Esses são alguns exemplos, mas será preciso uma radiografia geral. Veja o caso das regras para restos a pagar. Novamente, o Rio de Janeiro é um exemplo, bem como Minas Gerais, do que não deu certo: são estados altamente endividados, com um volume enorme acumulado de restos a pagar. Mesmo após entrar no Regime de Recuperação Fiscal, não conseguiu cumprir a meta na redução dessa rubrica.
Em qual aspecto considera que um melhor funcionamento da LRF poderia ter colaborado para a gestão fiscal dos estados no atual momento, em que se observa um aumento de gastos e redução do resultado fiscal desses entes?

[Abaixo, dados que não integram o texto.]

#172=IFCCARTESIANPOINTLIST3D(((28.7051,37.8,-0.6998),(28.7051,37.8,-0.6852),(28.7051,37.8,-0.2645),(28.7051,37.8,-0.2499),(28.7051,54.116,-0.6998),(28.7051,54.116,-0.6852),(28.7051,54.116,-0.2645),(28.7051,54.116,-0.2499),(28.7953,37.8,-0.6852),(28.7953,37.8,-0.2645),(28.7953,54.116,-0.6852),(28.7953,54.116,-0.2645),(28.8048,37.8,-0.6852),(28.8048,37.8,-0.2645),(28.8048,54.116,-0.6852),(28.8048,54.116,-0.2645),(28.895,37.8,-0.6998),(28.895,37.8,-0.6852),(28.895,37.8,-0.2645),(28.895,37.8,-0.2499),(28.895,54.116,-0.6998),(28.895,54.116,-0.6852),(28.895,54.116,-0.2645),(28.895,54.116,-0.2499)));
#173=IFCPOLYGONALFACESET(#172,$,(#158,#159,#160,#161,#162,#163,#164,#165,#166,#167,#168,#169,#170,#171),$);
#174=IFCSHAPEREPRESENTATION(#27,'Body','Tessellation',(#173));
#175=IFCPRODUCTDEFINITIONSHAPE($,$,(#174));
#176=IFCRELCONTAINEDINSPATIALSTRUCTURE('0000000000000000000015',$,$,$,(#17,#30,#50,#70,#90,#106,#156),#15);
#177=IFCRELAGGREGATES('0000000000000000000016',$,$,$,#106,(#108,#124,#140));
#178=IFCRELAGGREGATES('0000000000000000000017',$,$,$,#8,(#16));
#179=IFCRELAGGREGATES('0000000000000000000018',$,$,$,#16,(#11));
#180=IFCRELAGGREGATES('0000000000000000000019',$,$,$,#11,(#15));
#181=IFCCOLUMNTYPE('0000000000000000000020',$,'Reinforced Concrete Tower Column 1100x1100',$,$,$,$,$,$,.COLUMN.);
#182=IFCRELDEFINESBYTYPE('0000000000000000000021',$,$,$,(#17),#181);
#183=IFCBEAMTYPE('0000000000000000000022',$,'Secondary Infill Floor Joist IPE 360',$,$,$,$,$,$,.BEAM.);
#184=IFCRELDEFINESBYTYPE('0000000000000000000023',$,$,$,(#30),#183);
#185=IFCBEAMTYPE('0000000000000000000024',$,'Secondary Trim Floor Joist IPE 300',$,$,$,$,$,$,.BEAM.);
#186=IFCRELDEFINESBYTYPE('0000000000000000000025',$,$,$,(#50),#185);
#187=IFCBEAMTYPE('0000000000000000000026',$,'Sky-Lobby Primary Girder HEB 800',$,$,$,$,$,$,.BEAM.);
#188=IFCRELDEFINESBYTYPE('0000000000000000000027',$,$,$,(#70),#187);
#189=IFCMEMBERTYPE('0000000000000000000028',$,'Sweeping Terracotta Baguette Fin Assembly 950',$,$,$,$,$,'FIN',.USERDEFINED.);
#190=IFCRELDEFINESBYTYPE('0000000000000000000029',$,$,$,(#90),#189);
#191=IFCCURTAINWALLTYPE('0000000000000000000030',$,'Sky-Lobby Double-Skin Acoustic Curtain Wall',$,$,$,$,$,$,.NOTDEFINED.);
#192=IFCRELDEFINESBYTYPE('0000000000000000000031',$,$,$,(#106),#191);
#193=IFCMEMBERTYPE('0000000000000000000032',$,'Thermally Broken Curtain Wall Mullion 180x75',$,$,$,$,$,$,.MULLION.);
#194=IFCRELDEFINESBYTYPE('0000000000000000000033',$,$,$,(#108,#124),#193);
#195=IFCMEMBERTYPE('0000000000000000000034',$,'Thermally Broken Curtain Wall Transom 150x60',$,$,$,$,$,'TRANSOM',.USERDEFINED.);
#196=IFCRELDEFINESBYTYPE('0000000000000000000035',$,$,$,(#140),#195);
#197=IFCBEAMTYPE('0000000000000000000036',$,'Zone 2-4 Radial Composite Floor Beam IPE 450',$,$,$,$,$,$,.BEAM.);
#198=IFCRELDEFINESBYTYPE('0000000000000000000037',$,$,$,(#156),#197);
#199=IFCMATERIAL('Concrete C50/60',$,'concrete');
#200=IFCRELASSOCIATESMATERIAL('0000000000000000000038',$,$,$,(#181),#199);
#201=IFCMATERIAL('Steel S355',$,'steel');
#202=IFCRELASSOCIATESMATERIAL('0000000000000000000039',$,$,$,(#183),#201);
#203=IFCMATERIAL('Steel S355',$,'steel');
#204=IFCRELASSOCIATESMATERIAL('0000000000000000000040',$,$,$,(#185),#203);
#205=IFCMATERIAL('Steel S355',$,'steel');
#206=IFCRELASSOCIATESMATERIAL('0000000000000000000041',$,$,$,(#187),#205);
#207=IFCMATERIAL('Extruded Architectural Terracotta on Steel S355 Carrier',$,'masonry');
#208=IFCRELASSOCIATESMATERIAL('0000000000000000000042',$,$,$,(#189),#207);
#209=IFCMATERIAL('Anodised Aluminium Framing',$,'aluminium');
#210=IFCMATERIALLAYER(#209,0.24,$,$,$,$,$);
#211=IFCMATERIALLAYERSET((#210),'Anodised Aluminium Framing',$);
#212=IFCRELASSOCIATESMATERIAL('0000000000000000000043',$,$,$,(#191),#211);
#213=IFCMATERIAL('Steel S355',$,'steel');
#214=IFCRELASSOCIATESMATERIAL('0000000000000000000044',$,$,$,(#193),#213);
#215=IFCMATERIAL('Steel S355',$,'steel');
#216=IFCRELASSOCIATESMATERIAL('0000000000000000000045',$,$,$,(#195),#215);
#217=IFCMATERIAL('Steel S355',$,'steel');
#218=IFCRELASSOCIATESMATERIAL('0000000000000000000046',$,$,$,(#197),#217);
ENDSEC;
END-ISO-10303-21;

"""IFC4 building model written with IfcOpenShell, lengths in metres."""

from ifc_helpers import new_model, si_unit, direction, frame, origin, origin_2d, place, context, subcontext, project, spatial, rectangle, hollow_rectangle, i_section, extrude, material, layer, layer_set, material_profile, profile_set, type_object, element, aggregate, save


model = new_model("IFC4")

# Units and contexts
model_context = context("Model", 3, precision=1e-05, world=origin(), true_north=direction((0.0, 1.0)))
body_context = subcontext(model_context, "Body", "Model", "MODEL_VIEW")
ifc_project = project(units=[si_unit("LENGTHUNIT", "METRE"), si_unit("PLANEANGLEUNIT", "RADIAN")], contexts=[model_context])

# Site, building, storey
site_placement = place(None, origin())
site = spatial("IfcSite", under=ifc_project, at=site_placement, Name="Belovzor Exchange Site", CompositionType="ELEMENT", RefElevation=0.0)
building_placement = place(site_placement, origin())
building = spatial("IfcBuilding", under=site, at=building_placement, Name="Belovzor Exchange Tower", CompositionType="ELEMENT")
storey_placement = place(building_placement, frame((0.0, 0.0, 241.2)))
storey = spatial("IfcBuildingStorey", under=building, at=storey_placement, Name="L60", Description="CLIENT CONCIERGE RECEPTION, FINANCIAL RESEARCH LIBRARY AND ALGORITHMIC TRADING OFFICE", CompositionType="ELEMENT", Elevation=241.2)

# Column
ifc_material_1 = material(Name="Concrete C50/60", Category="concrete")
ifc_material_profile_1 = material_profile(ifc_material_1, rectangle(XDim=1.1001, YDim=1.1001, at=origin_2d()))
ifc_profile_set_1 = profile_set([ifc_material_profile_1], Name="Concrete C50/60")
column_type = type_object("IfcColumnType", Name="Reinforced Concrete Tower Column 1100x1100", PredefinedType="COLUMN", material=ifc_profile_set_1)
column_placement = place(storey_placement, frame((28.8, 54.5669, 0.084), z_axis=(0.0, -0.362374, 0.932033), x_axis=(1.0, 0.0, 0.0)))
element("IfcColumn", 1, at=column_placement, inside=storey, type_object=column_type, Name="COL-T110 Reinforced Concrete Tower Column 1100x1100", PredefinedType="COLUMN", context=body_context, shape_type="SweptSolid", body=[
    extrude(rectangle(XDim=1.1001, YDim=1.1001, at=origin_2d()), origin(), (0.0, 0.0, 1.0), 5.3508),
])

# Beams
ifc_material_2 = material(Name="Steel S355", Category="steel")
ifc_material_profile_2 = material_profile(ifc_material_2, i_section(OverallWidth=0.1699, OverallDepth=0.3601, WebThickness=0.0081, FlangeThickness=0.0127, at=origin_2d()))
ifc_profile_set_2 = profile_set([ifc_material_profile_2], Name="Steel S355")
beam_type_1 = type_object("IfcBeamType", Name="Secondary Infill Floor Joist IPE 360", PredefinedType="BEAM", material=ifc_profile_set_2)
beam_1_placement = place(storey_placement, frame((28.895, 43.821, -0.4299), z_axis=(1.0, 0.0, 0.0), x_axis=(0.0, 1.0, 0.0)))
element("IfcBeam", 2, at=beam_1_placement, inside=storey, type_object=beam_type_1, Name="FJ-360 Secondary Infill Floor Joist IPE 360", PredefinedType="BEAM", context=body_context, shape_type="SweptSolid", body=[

Acho que o ponto mais sensível, que claramente deu errado, é quanto a limitar o gasto com pessoal (dados recentes do Tesouro Nacional apontam que em 2023 12 estados ultrapassaram o limite de alerta, que é quando essa despesa ultrapassa 54% da receita corrente líquida). A questão de relacionar o limite de gasto ao percentual da receita é ultrapassado. Aprendemos com o mundo inteiro que não é adequado fazer essa vinculação, pois gera uma dinâmica pró-cíclica. Quando a economia vai bem, a receita cresce e a despesa vai junto. Mas a recíproca não é verdadeira: quando a receita cai, não se consegue simplesmente cortar gasto de saúde, educação ou pessoal. Então, há um problema de desenho. Outro problema é a métrica quantitativa: ter como limite 60% da receita corrente líquida é um nível muito alto. Assim, se tivesse que indicar um ponto que claramente não foi acertado, esse é o limite de gasto com o pessoal da LRF. Ele se provou muito alto e, ao longo do tempo, a gente aprendeu que é um erro ter uma regra de gasto que conversa com a receita, porque ela perde potência para ajudar a equilibrar as contas, já que uma parte do ganho de arrecadação vaza para a despesa obrigatória.
As opiniões expressas neste artigo são de responsabilidade exclusiva do autor, não refletindo necessariamente a opinião institucional da FGV.